We now want to insert values for Y.

We have for the variance that $E[Y^2]−E[Y]^2=2400 $

And for the denominator that

$(z – (100* 0.6 + 0 *0.4))^2 = z^2 -180z + 3600$

We re-arange the equation:

$1 – \frac{Var(Y)}{(z – E[Y])^2} = 0.05 \iff$

$z^2 -180z + 3600 – 2400 = 0.05z^2 -9z +180 \iff$

$0,95z^2 -171z + 1020 = 0 \iff$

$z_1 = 173.8231$
$z_2 = 6.1769$

The max value of z is therefore 6,17. This is the case since $z_1$ is outside of the score interval from 0-100. And provides a mindless value for z.

Could this be right though?
In the assignment they want us to discuss:
"Which of the three inequalities provide a non-vacuous value of z? (You
know without any calculations that for any $z < 0$ we have $P(Z ≤z) = 0$,
so any bound smaller than 0 is useless.)
"

My value isn't smaller than 0, so I figure the reasoning here mentioned doesn't apply.

Hoeffdings
For the Hoeffdings bound I am a bit unsure of the relationship between the average $\hat{Z}$ and $X_i$. I've tried to rewrite the formula in a similar style to what I did in the Chebyshev case.
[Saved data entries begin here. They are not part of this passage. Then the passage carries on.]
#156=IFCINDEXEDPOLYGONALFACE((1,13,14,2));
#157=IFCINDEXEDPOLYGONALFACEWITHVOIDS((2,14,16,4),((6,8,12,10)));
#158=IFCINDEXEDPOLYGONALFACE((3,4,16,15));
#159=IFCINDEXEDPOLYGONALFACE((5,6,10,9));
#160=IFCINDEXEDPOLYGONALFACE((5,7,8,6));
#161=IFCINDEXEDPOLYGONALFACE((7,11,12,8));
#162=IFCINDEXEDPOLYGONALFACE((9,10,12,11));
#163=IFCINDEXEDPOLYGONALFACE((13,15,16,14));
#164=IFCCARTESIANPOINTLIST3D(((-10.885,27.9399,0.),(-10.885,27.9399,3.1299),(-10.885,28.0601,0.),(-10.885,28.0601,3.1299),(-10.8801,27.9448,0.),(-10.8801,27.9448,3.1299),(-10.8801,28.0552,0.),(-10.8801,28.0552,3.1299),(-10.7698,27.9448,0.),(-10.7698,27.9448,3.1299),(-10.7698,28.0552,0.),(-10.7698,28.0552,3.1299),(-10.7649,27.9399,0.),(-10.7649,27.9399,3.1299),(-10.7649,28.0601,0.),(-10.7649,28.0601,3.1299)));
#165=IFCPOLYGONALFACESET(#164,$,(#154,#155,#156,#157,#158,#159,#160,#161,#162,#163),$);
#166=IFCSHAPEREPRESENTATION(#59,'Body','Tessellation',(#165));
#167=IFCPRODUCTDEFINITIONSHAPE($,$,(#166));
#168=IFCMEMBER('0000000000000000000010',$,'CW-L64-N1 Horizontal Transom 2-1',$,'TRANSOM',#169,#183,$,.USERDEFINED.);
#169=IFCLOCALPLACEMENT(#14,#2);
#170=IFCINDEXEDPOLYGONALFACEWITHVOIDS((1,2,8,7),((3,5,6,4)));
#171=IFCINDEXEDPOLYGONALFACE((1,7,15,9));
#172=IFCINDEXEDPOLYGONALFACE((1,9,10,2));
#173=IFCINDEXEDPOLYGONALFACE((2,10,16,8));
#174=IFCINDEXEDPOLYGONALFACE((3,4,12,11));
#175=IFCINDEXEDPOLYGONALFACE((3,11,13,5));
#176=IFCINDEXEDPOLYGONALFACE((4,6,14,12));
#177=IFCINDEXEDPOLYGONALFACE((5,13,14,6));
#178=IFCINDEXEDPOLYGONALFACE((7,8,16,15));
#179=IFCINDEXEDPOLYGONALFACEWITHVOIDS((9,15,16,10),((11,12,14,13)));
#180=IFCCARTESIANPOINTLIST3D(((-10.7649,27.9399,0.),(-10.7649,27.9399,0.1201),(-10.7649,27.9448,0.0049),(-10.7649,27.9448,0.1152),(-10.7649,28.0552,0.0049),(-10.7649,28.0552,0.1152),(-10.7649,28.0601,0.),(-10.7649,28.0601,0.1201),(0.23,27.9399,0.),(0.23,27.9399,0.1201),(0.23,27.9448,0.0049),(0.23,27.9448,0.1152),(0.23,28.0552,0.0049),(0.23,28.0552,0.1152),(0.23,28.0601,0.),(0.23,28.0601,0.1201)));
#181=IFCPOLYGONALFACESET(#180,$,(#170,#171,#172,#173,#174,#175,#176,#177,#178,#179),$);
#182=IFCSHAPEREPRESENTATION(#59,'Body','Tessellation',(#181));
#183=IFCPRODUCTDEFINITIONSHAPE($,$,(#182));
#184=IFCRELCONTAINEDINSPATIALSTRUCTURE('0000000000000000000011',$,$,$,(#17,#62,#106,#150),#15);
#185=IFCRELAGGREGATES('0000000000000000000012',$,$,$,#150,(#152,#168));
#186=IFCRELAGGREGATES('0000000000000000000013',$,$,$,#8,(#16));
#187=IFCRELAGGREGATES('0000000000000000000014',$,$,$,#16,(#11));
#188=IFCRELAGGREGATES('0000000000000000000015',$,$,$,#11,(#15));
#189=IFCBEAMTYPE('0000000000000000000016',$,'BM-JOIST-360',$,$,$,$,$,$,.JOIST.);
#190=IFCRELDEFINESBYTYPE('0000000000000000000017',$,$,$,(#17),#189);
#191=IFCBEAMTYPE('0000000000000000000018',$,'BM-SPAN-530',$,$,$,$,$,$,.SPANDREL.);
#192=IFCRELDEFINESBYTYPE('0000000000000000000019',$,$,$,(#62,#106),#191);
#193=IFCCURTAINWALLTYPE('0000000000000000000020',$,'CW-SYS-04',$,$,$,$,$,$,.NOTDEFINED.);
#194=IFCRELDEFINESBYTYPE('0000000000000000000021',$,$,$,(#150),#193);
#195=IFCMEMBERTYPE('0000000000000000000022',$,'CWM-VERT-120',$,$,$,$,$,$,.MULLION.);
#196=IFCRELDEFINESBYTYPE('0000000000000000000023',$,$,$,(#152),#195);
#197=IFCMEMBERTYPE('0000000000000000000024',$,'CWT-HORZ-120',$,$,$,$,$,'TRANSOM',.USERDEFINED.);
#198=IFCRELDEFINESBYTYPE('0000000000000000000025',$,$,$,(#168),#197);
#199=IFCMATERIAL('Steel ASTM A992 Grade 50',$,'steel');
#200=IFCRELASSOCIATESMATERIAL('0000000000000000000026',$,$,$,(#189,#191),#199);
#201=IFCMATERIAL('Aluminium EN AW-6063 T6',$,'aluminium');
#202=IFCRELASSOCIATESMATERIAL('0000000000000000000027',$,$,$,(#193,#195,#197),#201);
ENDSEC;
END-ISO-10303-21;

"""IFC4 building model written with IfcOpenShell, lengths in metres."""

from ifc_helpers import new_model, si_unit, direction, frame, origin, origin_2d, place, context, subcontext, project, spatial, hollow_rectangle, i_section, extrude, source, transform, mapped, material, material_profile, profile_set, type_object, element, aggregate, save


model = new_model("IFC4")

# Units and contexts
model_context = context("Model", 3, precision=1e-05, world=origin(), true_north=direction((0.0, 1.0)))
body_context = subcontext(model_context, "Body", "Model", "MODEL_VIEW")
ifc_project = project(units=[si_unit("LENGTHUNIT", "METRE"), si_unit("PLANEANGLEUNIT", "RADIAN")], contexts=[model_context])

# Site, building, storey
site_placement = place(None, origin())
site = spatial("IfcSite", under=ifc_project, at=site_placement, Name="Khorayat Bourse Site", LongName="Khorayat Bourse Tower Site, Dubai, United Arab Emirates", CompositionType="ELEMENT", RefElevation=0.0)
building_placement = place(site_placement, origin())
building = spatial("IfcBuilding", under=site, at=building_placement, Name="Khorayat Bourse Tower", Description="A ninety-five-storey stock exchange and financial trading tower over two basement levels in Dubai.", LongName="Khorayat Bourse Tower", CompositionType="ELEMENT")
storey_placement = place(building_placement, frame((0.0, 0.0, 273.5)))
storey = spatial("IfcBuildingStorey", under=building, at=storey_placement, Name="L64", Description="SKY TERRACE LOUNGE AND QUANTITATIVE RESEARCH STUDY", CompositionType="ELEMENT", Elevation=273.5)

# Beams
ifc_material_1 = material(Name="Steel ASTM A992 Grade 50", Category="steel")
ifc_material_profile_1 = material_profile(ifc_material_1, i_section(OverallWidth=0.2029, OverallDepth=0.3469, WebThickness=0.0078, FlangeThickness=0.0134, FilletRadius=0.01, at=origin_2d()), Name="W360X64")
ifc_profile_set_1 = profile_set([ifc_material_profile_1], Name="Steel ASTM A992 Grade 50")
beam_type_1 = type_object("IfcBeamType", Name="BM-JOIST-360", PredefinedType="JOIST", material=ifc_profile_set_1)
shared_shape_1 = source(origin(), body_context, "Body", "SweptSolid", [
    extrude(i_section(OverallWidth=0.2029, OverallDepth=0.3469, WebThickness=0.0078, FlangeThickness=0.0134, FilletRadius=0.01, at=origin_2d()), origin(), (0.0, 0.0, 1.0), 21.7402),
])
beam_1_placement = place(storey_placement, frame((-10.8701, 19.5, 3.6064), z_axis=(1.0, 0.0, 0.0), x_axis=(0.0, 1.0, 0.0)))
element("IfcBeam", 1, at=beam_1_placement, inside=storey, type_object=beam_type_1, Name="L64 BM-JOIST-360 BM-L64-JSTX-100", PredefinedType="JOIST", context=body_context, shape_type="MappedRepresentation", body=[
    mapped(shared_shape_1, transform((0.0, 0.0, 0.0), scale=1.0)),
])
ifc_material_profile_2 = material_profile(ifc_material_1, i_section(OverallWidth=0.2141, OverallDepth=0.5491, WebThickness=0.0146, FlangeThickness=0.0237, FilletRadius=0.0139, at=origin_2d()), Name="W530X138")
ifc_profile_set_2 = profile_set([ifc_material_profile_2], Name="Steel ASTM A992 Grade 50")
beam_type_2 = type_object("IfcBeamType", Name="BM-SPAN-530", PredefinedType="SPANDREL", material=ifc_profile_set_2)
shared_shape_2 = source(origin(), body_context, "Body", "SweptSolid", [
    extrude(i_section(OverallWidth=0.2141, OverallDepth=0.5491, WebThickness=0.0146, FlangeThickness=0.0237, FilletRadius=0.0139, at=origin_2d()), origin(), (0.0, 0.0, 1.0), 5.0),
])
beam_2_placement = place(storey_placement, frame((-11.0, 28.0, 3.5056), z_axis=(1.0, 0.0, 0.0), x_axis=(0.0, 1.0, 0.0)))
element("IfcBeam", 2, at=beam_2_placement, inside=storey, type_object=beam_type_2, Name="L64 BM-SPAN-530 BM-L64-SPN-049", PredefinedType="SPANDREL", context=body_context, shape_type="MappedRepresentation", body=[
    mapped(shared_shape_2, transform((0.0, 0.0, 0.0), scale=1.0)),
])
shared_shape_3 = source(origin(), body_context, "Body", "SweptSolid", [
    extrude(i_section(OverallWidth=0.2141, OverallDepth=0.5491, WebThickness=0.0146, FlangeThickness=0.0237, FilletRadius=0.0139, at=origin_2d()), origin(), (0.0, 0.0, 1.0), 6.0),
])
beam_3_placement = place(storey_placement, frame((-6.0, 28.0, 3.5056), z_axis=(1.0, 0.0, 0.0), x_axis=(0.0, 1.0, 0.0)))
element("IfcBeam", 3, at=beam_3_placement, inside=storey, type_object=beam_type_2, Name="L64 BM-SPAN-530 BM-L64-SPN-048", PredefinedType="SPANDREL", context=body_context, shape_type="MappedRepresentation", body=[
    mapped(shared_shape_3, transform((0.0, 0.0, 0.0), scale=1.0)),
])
Like this:

$P(\frac{1}{15} \sum_{i=1}^{15} X_{i} \geq z )=$

$P(\sum_{i=1}^{15} X_{i} \geq z * 15 ) =$

$P(\sum_{i=1}^{15} X_{i} – \mu \geq z * 15 – \mu ) =$

$P(\sum_{i=1}^{15} X_{i} – E[\hat{Z}] \geq z * 15 – E[\hat{Z}]) =$

$1 – P(\sum_{i=1}^{15} X_{i} – E[\hat{Z}] \leq z * 15 – E[\hat{Z}]) \leq$

$ 1 – e^{-2*15*(z*15 – 60)^2} = 0,05 \iff$

$ln(1) -30 * (225z – 3600) = ln(0,05) \iff$

$-6750z + 108000 = ln(0,05) – 108000 \iff$

$-6750z = ln(0,05) – 108000 \iff$

$-6750z = -ln(0,05) + 3600 \iff$

$z = (-ln(0,05) + 3600)) / 450 = 16,01$

Because of the result I am however unsure if the way I rewrite it is legitimate, considering that the value of the left hand side within the $P(\hat{Z} \geq z)$ doesn't mean a change in the bound as such. Furthermore I am not sure if I have understood the relationship between the average $\hat{Z}$ and the r.v $X_i$ correctly in Hoeffdings formula.

Best Answer

Let $Y$ be a random variable that equals 100 with probability 0.6 and 0 with probability 0.4. This random variable has an expectation of 60 and a variance of $E[Y^2]-E[Y]^2 = 2400$. According to the provided hint, the variance of the random variable $X$ corresponding to each $X_i$ is thus bounded by 2400.